Francisco Razzo*
A beleza da boa discussão filosófica está no
fato de que premissas, argumentos e reflexões devem ser publicamente abertos ao
exame crítico e à discordância refletida. Diferente da experiência religiosa,
por exemplo, que se apoia na decisão existencial de uma vida interior capaz de
aceitar os dados da revelação sagrada, a atitude filosófica se fundamenta no
árduo, constante e paciente trabalho do diálogo refletido em comunidade, do
confronto racional e do embate vivo de crenças. Resumindo, a filosofia se torna
uma atividade “política” por excelência.
Historicamente, há uma forte conexão entre o
nascimento da filosofia e o nascimento da polis democrática na Grécia Antiga.
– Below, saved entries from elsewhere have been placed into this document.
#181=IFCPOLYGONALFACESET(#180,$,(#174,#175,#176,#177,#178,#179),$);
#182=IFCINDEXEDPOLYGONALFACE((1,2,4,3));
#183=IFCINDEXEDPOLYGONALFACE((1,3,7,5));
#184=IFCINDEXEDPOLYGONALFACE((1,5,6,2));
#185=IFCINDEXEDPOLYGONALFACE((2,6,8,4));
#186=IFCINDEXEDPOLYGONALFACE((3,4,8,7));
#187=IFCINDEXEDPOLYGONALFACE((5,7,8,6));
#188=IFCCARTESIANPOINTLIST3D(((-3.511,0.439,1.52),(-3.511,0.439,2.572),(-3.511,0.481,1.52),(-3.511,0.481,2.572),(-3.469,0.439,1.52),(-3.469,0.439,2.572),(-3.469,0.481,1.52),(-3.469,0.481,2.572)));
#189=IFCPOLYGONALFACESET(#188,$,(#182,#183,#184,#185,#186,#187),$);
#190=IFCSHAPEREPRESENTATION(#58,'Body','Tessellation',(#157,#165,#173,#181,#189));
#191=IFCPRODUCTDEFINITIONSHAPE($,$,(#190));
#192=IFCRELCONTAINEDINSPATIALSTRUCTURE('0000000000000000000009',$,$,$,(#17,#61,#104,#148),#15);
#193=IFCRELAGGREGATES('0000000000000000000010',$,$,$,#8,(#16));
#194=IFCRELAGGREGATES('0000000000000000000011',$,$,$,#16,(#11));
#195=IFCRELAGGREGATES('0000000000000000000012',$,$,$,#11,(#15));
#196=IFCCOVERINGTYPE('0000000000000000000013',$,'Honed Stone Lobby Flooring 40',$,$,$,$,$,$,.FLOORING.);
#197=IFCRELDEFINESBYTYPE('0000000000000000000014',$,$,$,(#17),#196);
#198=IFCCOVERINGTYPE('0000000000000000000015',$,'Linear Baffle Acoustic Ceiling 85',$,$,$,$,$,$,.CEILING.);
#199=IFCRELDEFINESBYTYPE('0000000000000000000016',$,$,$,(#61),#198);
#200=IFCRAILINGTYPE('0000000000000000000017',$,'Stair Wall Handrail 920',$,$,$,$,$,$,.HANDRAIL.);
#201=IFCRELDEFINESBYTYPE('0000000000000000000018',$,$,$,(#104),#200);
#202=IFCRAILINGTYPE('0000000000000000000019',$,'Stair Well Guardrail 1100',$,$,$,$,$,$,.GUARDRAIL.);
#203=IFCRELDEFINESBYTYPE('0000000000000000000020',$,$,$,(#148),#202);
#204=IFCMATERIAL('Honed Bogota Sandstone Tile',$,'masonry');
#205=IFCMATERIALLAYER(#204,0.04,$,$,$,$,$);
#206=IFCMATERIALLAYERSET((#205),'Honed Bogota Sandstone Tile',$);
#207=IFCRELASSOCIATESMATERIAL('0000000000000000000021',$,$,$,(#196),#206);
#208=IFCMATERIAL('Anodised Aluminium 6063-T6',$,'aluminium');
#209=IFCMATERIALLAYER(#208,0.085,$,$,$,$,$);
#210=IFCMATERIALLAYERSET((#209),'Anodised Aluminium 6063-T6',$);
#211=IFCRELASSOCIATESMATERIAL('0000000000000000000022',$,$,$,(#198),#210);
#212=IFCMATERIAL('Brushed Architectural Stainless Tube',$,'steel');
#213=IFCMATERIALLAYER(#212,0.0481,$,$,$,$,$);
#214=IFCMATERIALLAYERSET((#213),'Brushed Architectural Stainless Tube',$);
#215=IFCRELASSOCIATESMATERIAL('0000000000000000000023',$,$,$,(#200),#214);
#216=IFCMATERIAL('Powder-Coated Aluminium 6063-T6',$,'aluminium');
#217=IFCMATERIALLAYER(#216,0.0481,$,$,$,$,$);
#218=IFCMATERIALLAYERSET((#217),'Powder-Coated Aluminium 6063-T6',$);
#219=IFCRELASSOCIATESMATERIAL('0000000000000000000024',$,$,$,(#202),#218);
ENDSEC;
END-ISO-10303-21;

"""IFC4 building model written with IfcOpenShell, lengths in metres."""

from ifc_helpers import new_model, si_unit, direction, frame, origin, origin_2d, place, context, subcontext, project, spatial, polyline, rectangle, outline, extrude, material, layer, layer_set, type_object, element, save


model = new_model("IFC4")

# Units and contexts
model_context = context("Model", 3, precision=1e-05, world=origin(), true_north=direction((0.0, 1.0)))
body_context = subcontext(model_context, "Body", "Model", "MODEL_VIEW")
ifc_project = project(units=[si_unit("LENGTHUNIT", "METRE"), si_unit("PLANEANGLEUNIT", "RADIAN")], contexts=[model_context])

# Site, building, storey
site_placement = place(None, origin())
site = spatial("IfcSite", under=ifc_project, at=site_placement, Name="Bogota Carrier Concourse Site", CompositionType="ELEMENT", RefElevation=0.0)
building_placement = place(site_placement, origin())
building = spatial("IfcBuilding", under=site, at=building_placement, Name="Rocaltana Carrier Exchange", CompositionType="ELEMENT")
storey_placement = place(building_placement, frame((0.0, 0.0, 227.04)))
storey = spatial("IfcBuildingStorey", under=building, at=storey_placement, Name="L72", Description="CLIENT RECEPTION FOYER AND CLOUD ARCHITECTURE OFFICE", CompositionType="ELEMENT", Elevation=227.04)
A
filosofia nasceu em meio à “crise da soberania”, como explica Jean Pierre
Vernant, onde houve “uma extraordinária preeminência da palavra sobre todos os
outros instrumentos do poder”. E “palavra”, aqui, não mais como “o valor
atribuído aos ‘ditos’ do rei quando pronuncia soberanamente” uma lei, não mais
como “o termo ritual, a fórmula justa” de um ambiente litúrgico. A “palavra”,
no contexto do nascimento da polis democrática, nasceu como “debate
contraditório, a discussão, a argumentação”. Não se trata de mera coincidência
a filosofia nascer na Grécia e não na Pérsia ou no Egito.
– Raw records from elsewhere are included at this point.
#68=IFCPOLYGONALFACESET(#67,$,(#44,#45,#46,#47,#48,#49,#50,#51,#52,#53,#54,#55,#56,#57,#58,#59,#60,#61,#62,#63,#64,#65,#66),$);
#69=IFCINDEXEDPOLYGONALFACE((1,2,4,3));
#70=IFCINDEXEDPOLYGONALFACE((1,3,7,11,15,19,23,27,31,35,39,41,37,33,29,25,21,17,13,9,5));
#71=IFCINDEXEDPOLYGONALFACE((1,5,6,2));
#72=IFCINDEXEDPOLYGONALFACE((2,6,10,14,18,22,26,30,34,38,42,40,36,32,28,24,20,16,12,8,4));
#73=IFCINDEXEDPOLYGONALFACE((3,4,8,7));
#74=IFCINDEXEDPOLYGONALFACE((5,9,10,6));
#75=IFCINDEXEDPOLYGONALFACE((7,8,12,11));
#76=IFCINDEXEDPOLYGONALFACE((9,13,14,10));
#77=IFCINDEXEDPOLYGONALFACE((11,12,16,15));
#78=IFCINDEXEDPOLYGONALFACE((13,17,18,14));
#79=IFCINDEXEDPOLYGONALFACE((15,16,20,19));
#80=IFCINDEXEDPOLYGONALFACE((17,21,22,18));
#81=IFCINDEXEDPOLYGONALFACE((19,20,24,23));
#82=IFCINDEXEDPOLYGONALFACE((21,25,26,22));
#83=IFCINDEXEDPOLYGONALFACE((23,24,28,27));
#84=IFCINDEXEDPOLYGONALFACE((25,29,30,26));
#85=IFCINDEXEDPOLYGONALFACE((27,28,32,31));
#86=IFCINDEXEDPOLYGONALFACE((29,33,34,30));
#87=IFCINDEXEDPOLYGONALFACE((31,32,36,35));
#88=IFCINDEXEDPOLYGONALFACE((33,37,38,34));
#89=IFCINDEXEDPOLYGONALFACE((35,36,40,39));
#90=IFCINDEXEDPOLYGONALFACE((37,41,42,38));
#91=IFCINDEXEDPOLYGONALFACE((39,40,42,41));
Política significa, antes de tudo, o poder da
discussão, do confronto de ideias e do diálogo constante, do exercício tênue e
persistente da razão. Óbvio que me refiro aqui à política no sentido de vida
que se realiza em comunidades democráticas formadas por seres racionais,
passionais e livres, e não no sentido de pura expressão do poder como exercício
do domínio bruto do mais forte em relação ao mais fraco. Só tiranos são tarados
pela política como relação de poder, só eles vivem pela consagração da força e
pela glória de serem cultuados por uma multidão de gente submissa, pois só eles
querem o poder custe a alma que custar.
Nessa atmosfera saturada por inabaláveis certezas políticas, só o
exercício filosófico pode ajudar o mundo a se
tornar um pouco melhor
Filósofos – pelo menos os da tradição que eu
admiro –, pelo contrário, contentam-se em cultivar a liberdade interior e
alguns pequenos prazeres do mundo. Sabem também que a política é a profissão
mais trágica e perigosa do mundo. Pensar na morte como exercício espiritual
liberta muito mais do que sonhar com o poder. Tirania é escravidão; escravidão
no sentido de quem manda e de quem obedece.
Quando reconhecemos os limites de se viver em
sociedade essencialmente pluralista, torna-se inevitável saber conviver com
pessoas que pensam e agem em conflito com nossas expectativas, que desprezam o
nosso perfil moral e atacam nossas crenças religiosas. Melhor assim. Forçar o
contrário mediante o uso de forças coercitivas do Estado é politicamente
perverso. Se o Estado moderno tem uma função, não é a de ser consagrado pela
soberania edificante de uma religião específica. Em termos morais e até
religiosos, melhor deixar as pessoas resolveram suas desavenças livremente. E a
filosofia tem uma função primordial nisso.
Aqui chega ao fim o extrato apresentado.